Generally, an airbag apparatus is mounted on a vehicle. The airbag apparatus is generally configured so that an airbag accommodated within, for example, a center portion of a steering wheel, a dash panel provided in the vicinity of a passenger seat and the like is instantaneously inflated in a case where a shock, which is generated at the vehicle when the vehicle collides, is detected by a collision detecting means such as an acceleration sensor and the like in order to protect an occupant seated on a seat having the airbag.
Generally, in the case where the airbag apparatus is mounted on the vehicle, a load sensing device for sensing (detecting) the occupant is provided at the seat having the airbag (e.g. JP2003-344145A, JP2002-286536A and JP2003-240627A). The known load sensing device includes a load detecting means for outputting a load signal in response to a strain generated at the known load sensing device, so that a load applied on the seat is detected on the basis of the load signal outputted from the load detecting means.
According to the known load sensing device, a significant zero-point displacement (a zero-point shift) may occur at the load signal outputted from the load detecting means because of the shock generated at the vehicle when the vehicle collides. In other words, the load signal outputted from the load detecting means may indicate a predetermined load even if the occupant is not seated on the seat and a load applied to the seat is substantially zero. Therefore, in this case, if the load sensing device is kept being used, the load sensing device may mistakenly determine that the occupant is seated on the seat. Accordingly, in this case, when the shock is detected by the collision detecting means, a warning indicator and the like may be actuated in order to notify the passenger of an occurrence of an abnormality and in order to urge a user of the vehicle to take the vehicle to a maintenance factory such as a car dealership and the like.
In a case where the vehicle is took to the maintenance factory and the like, a maintenance engineer needs to reset a zero-point in response to the abnormality warning (i.e. the zero-point displacement is solved). Then, the maintenance engineer executes a sensitivity test. Hereinafter, a set of the reset of the zero-point displacement and the sensitivity test is referred to as a zero-point adjustment. In a case where the maintenance engineer determines that the load sensing device is continuously usable, the load sensing device is allowed to be continuously used.

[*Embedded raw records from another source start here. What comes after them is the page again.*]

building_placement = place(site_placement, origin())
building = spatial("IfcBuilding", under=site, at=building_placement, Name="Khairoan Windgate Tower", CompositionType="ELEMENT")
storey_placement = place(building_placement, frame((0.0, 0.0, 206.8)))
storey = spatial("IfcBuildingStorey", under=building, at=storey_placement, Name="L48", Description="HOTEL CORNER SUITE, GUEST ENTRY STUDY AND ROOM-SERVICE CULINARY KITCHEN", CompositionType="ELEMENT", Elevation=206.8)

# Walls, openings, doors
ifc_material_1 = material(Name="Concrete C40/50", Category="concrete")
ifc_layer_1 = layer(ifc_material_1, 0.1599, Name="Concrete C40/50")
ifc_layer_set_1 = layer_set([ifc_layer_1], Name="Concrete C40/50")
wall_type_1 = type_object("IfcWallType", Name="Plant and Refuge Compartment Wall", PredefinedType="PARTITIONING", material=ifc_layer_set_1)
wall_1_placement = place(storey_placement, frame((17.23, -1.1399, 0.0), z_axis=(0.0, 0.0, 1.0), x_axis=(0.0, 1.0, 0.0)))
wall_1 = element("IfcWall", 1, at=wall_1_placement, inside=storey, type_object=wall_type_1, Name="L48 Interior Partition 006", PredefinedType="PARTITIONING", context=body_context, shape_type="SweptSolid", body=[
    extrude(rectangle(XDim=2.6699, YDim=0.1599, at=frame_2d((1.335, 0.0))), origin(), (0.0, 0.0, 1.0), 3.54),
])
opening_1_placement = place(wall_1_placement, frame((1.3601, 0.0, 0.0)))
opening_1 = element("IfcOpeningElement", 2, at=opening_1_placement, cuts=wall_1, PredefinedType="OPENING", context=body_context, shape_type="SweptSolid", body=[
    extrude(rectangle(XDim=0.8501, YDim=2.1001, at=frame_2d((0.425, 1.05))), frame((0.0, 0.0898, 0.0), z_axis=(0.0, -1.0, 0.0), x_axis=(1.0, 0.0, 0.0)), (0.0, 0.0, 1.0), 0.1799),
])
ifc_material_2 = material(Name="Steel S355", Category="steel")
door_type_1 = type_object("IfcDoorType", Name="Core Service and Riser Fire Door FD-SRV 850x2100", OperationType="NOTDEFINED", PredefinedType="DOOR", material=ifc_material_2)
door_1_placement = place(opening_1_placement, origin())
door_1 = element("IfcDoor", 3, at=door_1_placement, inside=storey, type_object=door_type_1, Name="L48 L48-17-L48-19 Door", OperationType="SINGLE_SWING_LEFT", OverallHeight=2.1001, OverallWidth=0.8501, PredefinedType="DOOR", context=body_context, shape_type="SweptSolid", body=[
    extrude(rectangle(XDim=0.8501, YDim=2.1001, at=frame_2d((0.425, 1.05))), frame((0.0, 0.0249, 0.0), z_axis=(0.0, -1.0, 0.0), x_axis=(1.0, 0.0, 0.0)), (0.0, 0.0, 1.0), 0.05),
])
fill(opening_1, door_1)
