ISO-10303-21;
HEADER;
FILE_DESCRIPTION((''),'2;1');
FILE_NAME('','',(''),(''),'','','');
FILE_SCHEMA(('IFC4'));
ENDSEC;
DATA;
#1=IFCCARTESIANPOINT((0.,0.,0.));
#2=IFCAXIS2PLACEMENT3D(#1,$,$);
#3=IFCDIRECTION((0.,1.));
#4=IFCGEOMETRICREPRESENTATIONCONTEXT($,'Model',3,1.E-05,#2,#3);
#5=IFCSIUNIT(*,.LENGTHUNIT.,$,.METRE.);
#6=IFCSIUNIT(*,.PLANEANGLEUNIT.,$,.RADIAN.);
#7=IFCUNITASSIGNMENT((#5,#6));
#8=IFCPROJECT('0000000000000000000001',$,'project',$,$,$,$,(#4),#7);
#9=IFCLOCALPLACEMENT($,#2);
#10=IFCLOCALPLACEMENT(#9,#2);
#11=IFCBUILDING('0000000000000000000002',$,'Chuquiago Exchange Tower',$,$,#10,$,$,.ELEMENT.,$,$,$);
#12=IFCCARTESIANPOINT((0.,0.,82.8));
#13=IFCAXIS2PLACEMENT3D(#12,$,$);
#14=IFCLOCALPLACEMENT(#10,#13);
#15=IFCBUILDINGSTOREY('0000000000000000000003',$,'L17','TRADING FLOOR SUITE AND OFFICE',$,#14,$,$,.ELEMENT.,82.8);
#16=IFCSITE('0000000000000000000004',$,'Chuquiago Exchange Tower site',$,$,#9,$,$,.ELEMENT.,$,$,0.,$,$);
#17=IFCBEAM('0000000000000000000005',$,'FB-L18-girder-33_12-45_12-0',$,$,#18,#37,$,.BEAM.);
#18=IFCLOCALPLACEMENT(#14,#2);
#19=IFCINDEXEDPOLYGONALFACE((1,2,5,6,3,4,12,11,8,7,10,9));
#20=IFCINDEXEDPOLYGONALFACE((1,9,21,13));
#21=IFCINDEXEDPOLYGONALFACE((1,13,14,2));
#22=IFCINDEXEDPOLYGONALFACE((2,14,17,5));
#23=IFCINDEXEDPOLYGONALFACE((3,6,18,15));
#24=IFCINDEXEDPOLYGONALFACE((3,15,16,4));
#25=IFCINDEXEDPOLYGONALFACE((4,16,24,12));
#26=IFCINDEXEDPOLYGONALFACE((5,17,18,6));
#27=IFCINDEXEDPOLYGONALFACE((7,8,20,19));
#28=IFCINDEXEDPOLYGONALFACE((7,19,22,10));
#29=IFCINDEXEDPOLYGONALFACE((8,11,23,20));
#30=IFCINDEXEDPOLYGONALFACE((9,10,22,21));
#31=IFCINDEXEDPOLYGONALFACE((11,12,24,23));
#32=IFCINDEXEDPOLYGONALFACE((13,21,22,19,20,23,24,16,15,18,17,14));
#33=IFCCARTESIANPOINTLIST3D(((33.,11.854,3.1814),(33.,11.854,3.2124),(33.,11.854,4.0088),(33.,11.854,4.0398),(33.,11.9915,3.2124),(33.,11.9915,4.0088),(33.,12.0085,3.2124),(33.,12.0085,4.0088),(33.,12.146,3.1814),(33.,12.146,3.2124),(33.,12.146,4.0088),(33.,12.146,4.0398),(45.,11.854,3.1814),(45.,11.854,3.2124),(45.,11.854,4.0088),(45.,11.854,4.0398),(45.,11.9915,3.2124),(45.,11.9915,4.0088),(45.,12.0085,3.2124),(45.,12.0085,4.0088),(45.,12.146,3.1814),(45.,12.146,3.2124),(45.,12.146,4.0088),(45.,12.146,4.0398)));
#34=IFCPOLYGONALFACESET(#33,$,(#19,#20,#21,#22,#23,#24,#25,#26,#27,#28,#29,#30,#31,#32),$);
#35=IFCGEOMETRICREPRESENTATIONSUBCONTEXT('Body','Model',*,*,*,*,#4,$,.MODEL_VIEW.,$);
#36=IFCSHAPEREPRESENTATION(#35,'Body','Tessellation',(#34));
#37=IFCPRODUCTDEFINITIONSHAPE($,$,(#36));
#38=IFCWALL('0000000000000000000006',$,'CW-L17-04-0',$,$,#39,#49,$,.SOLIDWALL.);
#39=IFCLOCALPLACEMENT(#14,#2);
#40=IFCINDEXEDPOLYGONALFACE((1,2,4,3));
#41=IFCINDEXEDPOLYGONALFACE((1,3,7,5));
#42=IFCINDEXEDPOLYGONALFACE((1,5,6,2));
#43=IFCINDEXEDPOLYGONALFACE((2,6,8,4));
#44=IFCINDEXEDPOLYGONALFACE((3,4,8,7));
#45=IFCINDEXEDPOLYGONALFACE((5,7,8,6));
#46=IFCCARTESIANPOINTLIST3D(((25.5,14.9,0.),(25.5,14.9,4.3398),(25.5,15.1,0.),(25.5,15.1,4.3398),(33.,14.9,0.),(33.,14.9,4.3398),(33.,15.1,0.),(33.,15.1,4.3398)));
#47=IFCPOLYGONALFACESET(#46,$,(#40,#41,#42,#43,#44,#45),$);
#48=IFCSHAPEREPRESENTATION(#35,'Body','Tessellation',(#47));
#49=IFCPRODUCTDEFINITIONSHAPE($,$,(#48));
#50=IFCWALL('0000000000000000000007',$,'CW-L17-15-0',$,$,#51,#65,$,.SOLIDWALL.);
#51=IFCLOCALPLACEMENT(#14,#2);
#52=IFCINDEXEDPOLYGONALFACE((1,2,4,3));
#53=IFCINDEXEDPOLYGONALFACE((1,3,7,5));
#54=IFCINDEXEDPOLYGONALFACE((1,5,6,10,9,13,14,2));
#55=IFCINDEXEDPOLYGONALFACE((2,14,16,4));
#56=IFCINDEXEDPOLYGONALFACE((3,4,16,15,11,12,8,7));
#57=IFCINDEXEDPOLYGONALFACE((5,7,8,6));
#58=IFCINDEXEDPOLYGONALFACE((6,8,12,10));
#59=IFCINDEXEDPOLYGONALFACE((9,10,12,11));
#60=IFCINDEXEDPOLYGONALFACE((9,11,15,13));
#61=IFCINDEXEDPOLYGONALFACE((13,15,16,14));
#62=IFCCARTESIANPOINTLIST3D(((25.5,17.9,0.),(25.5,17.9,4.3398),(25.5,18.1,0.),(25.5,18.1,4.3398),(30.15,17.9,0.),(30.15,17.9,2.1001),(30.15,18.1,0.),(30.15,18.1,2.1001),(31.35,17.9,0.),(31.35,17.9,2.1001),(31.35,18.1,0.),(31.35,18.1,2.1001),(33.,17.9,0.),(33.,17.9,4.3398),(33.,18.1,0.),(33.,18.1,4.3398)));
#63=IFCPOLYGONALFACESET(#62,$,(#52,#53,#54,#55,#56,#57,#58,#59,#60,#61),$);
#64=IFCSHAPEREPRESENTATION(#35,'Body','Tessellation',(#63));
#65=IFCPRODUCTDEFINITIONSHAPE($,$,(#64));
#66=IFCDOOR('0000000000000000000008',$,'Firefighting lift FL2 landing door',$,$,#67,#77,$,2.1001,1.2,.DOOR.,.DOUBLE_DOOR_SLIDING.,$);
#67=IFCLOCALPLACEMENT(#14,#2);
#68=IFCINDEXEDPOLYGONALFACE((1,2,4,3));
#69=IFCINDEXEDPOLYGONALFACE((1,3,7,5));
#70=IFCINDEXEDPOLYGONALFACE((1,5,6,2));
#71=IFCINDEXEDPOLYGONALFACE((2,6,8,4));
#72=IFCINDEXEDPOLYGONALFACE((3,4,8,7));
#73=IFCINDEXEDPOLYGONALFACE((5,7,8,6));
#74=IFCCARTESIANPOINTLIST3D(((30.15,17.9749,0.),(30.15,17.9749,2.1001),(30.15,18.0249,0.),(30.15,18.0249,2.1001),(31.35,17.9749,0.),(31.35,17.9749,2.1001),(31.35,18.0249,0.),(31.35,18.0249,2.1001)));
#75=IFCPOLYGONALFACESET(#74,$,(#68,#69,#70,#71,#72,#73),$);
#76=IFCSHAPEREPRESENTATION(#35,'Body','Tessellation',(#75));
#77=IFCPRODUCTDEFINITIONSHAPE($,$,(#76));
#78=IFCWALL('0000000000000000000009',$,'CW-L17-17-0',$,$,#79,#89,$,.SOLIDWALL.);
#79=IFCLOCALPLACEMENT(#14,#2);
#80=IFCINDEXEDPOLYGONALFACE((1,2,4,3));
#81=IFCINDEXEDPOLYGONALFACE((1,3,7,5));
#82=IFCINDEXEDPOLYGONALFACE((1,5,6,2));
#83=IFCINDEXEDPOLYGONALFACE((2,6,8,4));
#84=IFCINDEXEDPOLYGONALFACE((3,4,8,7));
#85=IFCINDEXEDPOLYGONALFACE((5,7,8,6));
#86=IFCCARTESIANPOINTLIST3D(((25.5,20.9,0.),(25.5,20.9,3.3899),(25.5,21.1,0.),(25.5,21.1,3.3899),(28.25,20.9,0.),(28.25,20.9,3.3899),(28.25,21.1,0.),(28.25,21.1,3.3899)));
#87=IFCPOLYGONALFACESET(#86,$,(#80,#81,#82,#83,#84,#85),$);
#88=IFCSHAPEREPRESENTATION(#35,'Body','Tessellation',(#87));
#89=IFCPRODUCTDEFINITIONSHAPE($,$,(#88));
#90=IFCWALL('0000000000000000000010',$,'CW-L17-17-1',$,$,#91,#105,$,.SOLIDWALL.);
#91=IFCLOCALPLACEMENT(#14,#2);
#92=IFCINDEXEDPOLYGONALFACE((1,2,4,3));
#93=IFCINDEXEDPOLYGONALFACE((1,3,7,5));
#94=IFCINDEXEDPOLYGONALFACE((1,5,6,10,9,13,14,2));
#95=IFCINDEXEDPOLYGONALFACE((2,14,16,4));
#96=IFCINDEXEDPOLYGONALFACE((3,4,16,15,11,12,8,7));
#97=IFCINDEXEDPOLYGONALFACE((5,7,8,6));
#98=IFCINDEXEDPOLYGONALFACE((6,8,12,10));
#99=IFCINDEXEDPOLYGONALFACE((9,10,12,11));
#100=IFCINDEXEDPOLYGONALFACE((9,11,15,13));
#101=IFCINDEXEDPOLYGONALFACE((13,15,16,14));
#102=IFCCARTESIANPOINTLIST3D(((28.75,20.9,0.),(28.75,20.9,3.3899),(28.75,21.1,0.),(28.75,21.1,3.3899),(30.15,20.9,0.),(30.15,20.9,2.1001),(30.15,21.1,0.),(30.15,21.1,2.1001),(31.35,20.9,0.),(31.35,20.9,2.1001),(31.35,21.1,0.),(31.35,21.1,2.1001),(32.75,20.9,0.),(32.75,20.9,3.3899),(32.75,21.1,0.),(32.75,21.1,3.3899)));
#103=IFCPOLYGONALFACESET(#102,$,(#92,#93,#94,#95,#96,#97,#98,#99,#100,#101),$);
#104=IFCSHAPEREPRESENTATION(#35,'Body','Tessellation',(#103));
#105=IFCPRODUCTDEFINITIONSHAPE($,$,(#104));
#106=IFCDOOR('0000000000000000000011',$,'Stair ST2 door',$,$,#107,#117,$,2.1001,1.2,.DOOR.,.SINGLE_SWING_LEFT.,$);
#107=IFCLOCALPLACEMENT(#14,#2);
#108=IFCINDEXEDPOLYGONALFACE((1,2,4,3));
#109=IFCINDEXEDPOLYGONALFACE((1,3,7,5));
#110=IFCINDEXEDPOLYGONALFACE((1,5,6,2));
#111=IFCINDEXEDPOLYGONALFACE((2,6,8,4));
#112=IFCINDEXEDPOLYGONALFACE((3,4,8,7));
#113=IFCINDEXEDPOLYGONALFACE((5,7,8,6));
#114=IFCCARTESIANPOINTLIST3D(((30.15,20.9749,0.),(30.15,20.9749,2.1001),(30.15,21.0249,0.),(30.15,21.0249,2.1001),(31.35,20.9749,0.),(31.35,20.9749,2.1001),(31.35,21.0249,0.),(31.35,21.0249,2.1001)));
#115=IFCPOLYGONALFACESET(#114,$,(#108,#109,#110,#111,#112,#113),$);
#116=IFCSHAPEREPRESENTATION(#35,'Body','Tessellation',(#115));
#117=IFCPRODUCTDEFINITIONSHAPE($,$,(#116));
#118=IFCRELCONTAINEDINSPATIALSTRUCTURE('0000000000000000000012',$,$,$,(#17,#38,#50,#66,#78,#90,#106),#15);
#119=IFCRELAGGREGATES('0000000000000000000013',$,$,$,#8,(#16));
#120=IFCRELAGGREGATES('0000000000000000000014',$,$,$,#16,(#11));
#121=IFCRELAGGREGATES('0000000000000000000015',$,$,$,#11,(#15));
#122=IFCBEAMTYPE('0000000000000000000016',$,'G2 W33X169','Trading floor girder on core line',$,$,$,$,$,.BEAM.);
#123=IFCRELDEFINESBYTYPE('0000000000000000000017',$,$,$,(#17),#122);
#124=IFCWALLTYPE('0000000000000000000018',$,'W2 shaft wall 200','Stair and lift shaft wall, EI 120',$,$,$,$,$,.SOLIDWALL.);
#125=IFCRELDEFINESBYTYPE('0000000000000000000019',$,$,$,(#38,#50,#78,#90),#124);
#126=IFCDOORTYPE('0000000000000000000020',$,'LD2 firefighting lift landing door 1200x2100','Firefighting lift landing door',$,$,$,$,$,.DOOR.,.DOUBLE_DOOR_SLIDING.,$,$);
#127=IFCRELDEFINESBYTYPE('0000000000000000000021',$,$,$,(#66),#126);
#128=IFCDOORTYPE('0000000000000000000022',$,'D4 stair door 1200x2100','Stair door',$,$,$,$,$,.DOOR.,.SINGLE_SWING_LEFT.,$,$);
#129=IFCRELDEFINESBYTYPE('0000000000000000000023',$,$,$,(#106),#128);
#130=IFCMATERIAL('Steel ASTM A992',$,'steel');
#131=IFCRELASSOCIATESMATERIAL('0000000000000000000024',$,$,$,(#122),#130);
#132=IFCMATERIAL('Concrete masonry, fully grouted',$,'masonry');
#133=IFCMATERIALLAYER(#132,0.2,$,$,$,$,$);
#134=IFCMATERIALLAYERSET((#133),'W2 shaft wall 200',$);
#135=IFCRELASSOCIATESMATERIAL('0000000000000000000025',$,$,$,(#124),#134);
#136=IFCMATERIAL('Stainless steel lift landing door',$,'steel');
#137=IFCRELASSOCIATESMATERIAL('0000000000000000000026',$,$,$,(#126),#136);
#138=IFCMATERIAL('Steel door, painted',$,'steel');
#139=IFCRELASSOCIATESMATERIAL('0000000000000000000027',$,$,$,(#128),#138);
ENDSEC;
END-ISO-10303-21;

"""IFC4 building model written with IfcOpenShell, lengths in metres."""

from ifc_helpers import new_model, si_unit, direction, frame, frame_2d, origin, origin_2d, place, context, subcontext, project, spatial, rectangle, i_section, extrude, material, layer, layer_set, material_profile, profile_set, type_object, element, fill, save


model = new_model("IFC4")

# Units and contexts
model_context = context("Model", 3, precision=1e-05, world=origin(), true_north=direction((0.0, 1.0)))
body_context = subcontext(model_context, "Body", "Model", "MODEL_VIEW")
ifc_project = project(units=[si_unit("LENGTHUNIT", "METRE"), si_unit("PLANEANGLEUNIT", "RADIAN")], contexts=[model_context])

# Site, building, storey
site_placement = place(None, origin())
site = spatial("IfcSite", under=ifc_project, at=site_placement, Name="Chuquiago Exchange Tower site", CompositionType="ELEMENT", RefElevation=0.0)
building_placement = place(site_placement, origin())
building = spatial("IfcBuilding", under=site, at=building_placement, Name="Chuquiago Exchange Tower", CompositionType="ELEMENT")
storey_placement = place(building_placement, frame((0.0, 0.0, 82.8)))
storey = spatial("IfcBuildingStorey", under=building, at=storey_placement, Name="L17", Description="TRADING FLOOR SUITE AND OFFICE", CompositionType="ELEMENT", Elevation=82.8)

# Beam
ifc_material_1 = material(Name="Steel ASTM A992", Category="steel")
ifc_material_profile_1 = material_profile(ifc_material_1, i_section(OverallWidth=0.292, OverallDepth=0.8584, WebThickness=0.0171, FlangeThickness=0.031, at=origin_2d()), Name="W33X169")
ifc_profile_set_1 = profile_set([ifc_material_profile_1], Name="Steel ASTM A992")
beam_type_1 = type_object("IfcBeamType", Name="G2 W33X169", Description="Trading floor girder on core line", PredefinedType="BEAM", material=ifc_profile_set_1)
for number, where, z_axis, x_axis, name in (
    (1, (33.0, 12.0, 3.6106), (1.0, 0.0, 0.0), (0.0, 1.0, 0.0), "FB-L18-girder-33_12-45_12-0"),
):
    element("IfcBeam", number, at=place(storey_placement, frame(where, z_axis=z_axis, x_axis=x_axis)), inside=storey, type_object=beam_type_1, Name=name, PredefinedType="BEAM", context=body_context, shape_type="SweptSolid", body=[
        extrude(i_section(OverallWidth=0.292, OverallDepth=0.8584, WebThickness=0.0171, FlangeThickness=0.031, at=origin_2d()), origin(), (0.0, 0.0, 1.0), 12.0),
    ])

However, for example, in a case where the occupant hits or kicks the seat, the shock corresponding to the shock to be generated when the vehicle collides may be detected by the collision detecting means. Generally, chances of the significant zero-point displacement to occur at the load signal outputted from the load detecting means is very small, because the load applied to the seat in this case is about a level of power generated by a human being, and no significant zero-point displacement is likely to occur. However, in the case where the abnormality is alarmed to the user of the vehicle in the case where the shock generated by hitting or kicking the seat is detected as the load having the level indicating a collision of the vehicle and the user takes the vehicle to the maintenance factory and the like, the maintenance engineer needs to perform an unnecessary zero-point adjustment, which may result in increasing hours relating to the maintenance.
A need thus exists to provide a load sensing device which is not susceptible to the drawback mentioned above.